Configuring access to WASB

Hortonworks Data Platform (HDP) supports reading and writing block blobs and page blobs from and to Windows Azure Storage Blob (WASB) object store, as well as reading and writing files stored in an Azure Data Lake Storage (ADLS) account.

Windows Azure Storage Blob (WASB) is an object store service available on Azure. WASB is not supported as a default file system, but access to data in WASB is possible via the wasb connector.

These steps assume that you are using an HDP version that supports the wasb cloud storage connector (HDP 2.6.1 or newer).

Prerequisites

If you want to use Windows Azure Storage Blob to store your data, you must enable Azure subscription for Blob Storage, and then create a storage account.

Here is an example of how to create a a storage account:

Configure access to WASB

In order to access data stored in your Azure blob storage account, you must obtain your access key from your storage account settings, and then provide the storage account name and its corresponding access key when creating a cluster.

Steps

  1. Obtain your storage account name and storage access key from the Access keys page in your storage account settings:

  2. In Cloudbreak web UI, on the advanced Cloud Storage page of the create a cluster wizard, select Use existing WASB storage.

  3. Provide the Storage Account Name and Access Key parameters obtained in the previous step.

Once your cluster is in the running state, you will be able to access the Azure blob storage account from the cluster nodes.

Test access to WASB

To tests access to WASB, SSH to a cluster node and run a few hadoop fs shell commands against your existing WASB account.

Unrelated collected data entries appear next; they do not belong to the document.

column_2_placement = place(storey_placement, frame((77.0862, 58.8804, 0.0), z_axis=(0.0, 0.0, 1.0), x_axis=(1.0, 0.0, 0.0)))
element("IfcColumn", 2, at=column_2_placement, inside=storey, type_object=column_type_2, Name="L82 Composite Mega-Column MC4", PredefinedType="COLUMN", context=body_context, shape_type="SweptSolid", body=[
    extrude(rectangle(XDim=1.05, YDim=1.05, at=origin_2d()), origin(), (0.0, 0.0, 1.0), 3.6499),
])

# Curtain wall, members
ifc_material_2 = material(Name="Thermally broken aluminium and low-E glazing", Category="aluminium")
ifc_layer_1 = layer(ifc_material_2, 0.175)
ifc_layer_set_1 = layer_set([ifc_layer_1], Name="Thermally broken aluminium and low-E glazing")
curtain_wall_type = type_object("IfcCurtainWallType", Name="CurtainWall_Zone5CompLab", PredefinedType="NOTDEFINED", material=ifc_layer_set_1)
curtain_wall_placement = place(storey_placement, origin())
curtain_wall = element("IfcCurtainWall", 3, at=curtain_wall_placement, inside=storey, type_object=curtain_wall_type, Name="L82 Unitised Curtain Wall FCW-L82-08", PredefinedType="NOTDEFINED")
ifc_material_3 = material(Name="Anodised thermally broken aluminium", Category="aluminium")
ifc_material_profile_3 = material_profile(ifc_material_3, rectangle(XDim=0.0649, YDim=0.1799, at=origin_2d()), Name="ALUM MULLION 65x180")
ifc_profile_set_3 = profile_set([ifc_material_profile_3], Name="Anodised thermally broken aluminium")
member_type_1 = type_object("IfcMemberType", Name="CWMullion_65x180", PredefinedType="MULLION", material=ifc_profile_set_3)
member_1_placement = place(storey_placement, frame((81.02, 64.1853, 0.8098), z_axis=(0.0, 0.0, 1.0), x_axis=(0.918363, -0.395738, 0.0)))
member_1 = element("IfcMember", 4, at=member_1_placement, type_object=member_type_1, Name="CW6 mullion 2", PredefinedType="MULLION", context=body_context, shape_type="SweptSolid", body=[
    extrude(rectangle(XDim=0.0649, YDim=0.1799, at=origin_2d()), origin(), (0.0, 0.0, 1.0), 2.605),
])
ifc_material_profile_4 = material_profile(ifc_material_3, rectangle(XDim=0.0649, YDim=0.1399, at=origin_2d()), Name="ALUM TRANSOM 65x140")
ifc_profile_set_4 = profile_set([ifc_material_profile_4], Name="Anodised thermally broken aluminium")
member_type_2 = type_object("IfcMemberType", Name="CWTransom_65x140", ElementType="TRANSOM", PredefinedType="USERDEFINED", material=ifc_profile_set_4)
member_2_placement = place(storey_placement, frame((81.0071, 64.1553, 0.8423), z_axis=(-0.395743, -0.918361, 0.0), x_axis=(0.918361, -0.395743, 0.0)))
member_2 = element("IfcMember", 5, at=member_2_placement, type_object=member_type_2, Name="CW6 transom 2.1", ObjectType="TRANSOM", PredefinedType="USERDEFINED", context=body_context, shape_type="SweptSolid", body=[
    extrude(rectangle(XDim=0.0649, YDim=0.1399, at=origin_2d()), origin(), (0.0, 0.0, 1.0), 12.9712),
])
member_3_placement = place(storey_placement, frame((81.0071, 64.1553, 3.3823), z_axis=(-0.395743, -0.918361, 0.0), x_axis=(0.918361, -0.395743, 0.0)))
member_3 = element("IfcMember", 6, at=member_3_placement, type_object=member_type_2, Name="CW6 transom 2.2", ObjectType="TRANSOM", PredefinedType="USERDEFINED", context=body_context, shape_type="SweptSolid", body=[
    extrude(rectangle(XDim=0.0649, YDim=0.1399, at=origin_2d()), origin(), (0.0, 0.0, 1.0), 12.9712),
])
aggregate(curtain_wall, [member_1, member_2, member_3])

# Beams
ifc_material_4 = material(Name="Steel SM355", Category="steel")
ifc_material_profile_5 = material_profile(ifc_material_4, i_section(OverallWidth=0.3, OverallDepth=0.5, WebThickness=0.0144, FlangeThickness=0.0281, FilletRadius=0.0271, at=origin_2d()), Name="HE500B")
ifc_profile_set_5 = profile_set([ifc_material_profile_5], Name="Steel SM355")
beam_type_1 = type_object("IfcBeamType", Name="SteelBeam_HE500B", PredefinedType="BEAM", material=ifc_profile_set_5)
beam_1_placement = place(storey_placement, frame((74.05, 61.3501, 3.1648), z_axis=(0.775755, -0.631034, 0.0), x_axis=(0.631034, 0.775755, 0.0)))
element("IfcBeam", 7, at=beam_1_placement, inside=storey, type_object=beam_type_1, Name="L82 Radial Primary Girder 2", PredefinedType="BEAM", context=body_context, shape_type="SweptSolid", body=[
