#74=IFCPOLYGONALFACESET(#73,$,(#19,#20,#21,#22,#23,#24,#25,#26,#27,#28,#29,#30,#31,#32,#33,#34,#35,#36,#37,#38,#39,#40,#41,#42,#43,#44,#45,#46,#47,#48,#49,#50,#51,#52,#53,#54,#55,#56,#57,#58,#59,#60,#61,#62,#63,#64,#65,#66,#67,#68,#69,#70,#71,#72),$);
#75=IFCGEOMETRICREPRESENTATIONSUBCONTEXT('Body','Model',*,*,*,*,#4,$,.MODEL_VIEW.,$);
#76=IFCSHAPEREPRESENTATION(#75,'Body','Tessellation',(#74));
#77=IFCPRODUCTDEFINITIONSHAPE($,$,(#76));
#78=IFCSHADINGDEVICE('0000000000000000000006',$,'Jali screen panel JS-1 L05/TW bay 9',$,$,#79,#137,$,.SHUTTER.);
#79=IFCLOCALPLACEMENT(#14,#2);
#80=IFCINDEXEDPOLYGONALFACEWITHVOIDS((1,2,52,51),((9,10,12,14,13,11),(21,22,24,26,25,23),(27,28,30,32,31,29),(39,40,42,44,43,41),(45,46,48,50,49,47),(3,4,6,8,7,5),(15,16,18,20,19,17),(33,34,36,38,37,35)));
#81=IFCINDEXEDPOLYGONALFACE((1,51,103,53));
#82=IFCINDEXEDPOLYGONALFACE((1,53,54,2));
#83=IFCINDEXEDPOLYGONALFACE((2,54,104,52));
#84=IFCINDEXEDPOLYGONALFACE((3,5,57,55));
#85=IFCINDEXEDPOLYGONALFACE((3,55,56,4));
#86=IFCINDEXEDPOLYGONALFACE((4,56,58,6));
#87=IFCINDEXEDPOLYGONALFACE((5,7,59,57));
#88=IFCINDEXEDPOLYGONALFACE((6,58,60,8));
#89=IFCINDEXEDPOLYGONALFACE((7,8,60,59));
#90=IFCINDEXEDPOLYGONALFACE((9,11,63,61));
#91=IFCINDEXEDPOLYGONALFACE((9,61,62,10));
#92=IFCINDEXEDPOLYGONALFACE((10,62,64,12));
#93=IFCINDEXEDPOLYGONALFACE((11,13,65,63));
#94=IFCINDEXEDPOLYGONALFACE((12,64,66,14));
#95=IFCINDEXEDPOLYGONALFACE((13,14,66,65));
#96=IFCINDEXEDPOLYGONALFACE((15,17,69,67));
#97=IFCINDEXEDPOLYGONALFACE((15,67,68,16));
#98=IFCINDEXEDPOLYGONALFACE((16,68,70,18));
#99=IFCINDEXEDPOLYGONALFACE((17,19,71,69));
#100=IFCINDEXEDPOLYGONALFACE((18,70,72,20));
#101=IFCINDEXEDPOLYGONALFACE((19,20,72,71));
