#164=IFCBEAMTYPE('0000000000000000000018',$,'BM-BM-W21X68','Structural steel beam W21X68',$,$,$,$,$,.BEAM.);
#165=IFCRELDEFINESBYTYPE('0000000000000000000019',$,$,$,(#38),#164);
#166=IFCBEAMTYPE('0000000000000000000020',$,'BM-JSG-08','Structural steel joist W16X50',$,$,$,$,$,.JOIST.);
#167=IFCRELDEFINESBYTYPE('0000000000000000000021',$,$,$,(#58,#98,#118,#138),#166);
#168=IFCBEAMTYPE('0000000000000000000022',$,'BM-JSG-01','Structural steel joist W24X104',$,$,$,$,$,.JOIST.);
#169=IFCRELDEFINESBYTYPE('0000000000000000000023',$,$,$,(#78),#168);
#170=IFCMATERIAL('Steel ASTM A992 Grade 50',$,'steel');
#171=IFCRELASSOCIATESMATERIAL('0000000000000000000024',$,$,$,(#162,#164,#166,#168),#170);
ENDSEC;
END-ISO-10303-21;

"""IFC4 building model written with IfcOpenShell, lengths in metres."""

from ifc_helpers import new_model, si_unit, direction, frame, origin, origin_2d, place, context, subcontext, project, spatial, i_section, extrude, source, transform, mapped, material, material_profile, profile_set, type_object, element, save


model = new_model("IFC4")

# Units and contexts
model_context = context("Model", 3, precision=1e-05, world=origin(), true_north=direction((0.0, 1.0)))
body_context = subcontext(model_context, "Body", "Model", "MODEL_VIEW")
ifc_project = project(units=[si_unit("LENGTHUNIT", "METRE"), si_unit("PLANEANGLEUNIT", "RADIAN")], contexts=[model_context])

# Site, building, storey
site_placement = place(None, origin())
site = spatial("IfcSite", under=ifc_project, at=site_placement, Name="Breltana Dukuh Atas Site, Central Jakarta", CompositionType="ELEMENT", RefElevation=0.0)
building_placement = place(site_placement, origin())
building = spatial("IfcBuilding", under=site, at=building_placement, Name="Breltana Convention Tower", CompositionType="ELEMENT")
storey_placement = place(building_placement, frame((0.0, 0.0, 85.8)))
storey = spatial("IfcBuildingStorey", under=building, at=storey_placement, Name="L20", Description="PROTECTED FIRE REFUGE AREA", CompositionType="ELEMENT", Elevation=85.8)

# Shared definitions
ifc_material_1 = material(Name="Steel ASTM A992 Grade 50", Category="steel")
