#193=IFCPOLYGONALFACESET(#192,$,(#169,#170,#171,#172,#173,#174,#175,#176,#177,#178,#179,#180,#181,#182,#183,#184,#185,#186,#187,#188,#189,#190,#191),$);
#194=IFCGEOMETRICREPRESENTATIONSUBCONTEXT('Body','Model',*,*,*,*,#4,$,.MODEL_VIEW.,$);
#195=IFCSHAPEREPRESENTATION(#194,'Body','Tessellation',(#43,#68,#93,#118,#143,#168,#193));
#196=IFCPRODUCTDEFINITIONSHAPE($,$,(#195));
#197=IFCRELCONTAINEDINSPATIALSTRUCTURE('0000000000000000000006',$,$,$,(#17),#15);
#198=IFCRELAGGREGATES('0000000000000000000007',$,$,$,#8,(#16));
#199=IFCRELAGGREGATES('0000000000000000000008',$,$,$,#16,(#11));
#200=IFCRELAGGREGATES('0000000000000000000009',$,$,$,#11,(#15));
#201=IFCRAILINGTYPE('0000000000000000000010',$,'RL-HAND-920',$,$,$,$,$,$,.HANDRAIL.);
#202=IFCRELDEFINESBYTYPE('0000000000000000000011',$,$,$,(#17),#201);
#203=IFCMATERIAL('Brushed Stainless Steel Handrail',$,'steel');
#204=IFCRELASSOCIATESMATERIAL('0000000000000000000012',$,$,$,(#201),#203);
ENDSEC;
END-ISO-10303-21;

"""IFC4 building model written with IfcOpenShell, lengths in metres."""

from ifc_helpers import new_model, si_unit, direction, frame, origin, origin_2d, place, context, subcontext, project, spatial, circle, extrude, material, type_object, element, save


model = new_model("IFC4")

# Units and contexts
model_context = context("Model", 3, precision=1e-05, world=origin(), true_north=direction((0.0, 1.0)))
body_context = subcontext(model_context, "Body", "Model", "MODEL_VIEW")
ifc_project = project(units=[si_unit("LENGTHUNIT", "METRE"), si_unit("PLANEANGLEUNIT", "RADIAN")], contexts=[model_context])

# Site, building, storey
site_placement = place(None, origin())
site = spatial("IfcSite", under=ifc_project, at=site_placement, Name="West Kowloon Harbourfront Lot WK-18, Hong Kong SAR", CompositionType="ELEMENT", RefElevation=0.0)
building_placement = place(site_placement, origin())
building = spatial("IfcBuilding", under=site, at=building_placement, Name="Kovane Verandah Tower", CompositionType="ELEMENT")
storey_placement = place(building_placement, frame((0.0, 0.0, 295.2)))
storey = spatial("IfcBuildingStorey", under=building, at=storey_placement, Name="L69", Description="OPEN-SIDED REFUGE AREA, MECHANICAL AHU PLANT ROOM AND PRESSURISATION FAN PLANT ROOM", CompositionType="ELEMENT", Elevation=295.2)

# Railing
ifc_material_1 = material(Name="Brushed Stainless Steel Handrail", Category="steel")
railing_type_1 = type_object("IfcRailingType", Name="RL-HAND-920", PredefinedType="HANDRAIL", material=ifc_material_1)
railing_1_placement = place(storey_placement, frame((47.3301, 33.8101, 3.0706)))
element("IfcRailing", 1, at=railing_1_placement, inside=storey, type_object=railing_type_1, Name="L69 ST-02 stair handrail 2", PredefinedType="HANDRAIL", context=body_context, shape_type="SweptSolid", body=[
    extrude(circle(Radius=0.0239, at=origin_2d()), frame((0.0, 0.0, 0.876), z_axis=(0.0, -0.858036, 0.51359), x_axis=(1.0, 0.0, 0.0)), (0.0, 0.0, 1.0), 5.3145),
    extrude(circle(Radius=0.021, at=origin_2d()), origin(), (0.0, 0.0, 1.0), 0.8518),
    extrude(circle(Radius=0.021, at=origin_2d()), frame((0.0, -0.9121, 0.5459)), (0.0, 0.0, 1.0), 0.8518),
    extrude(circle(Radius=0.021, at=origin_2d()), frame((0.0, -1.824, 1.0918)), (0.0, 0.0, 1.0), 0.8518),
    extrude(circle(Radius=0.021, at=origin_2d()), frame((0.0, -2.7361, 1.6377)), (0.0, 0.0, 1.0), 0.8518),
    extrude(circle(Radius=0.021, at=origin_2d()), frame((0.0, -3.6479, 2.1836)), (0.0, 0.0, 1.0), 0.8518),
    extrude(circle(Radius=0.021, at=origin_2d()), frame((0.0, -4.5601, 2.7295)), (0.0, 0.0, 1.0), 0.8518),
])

WASB access path syntax is:

wasb://container_name@storage_account_name.blob.core.windows.net/dir/file

For example, to access a file called "testfile" located in a directory called "testdir", stored in the container called "testcontainer" on the account called "hortonworks", the URL is:

wasb://testcontainer@hortonworks.blob.core.windows.net/testdir/testfile

You can also use "wasbs" prefix to utilize SSL-encrypted HTTPS access:

wasbs://@.blob.core.windows.net/dir/file

The following Hadoop FileSystem shell commands demonstrate access to a storage account named "myaccount" and a container named "mycontainer":

hadoop fs -ls wasb://mycontainer@myaccount.blob.core.windows.net/

hadoop fs -mkdir wasb://mycontainer@myaccount.blob.core.windows.net/testDir

hadoop fs -put testFile wasb://mycontainer@myaccount.blob.core.windows.net/testDir/testFile

hadoop fs -cat wasb://mycontainer@myaccount.blob.core.windows.net/testDir/testFile
test file content

For more information about configuring the WASB connector and working with data stored in WASB, refer to Cloud Data Access documentation.

Related links
Cloud Data Access (Hortonworks)
Create a storage account (External)

Configure WASB storage locations

After configuring access to WASB, you can optionally use that WASB storage account as a base storage location; this storage location is mainly for the Hive Warehouse Directory (used for storing the table data for managed tables).

Steps

  1. When creating a cluster, on the Cloud Storage page in the advanced cluster wizard view, select Use existing WASB storage and select the instance profile to use, as described in Configure access to WASB.
  2. Under Storage Locations, enable Configure Storage Locations by clicking the On button.
  3. Provide your existing directory name under Base Storage Location.

    Make sure that the container exists within the account.

  4. Under Path for Hive Warehouse Directory property (hive.metastore.warehouse.dir), Cloudbreak automatically suggests a location within the bucket. For example, if the directory that you specified is my-test-container then the suggested location will be my-test-container@my-wasb-account.blob.core.windows.net/apps/hive/warehouse. You may optionally update this path.

    Cloudbreak automatically creates this directory structure in your bucket.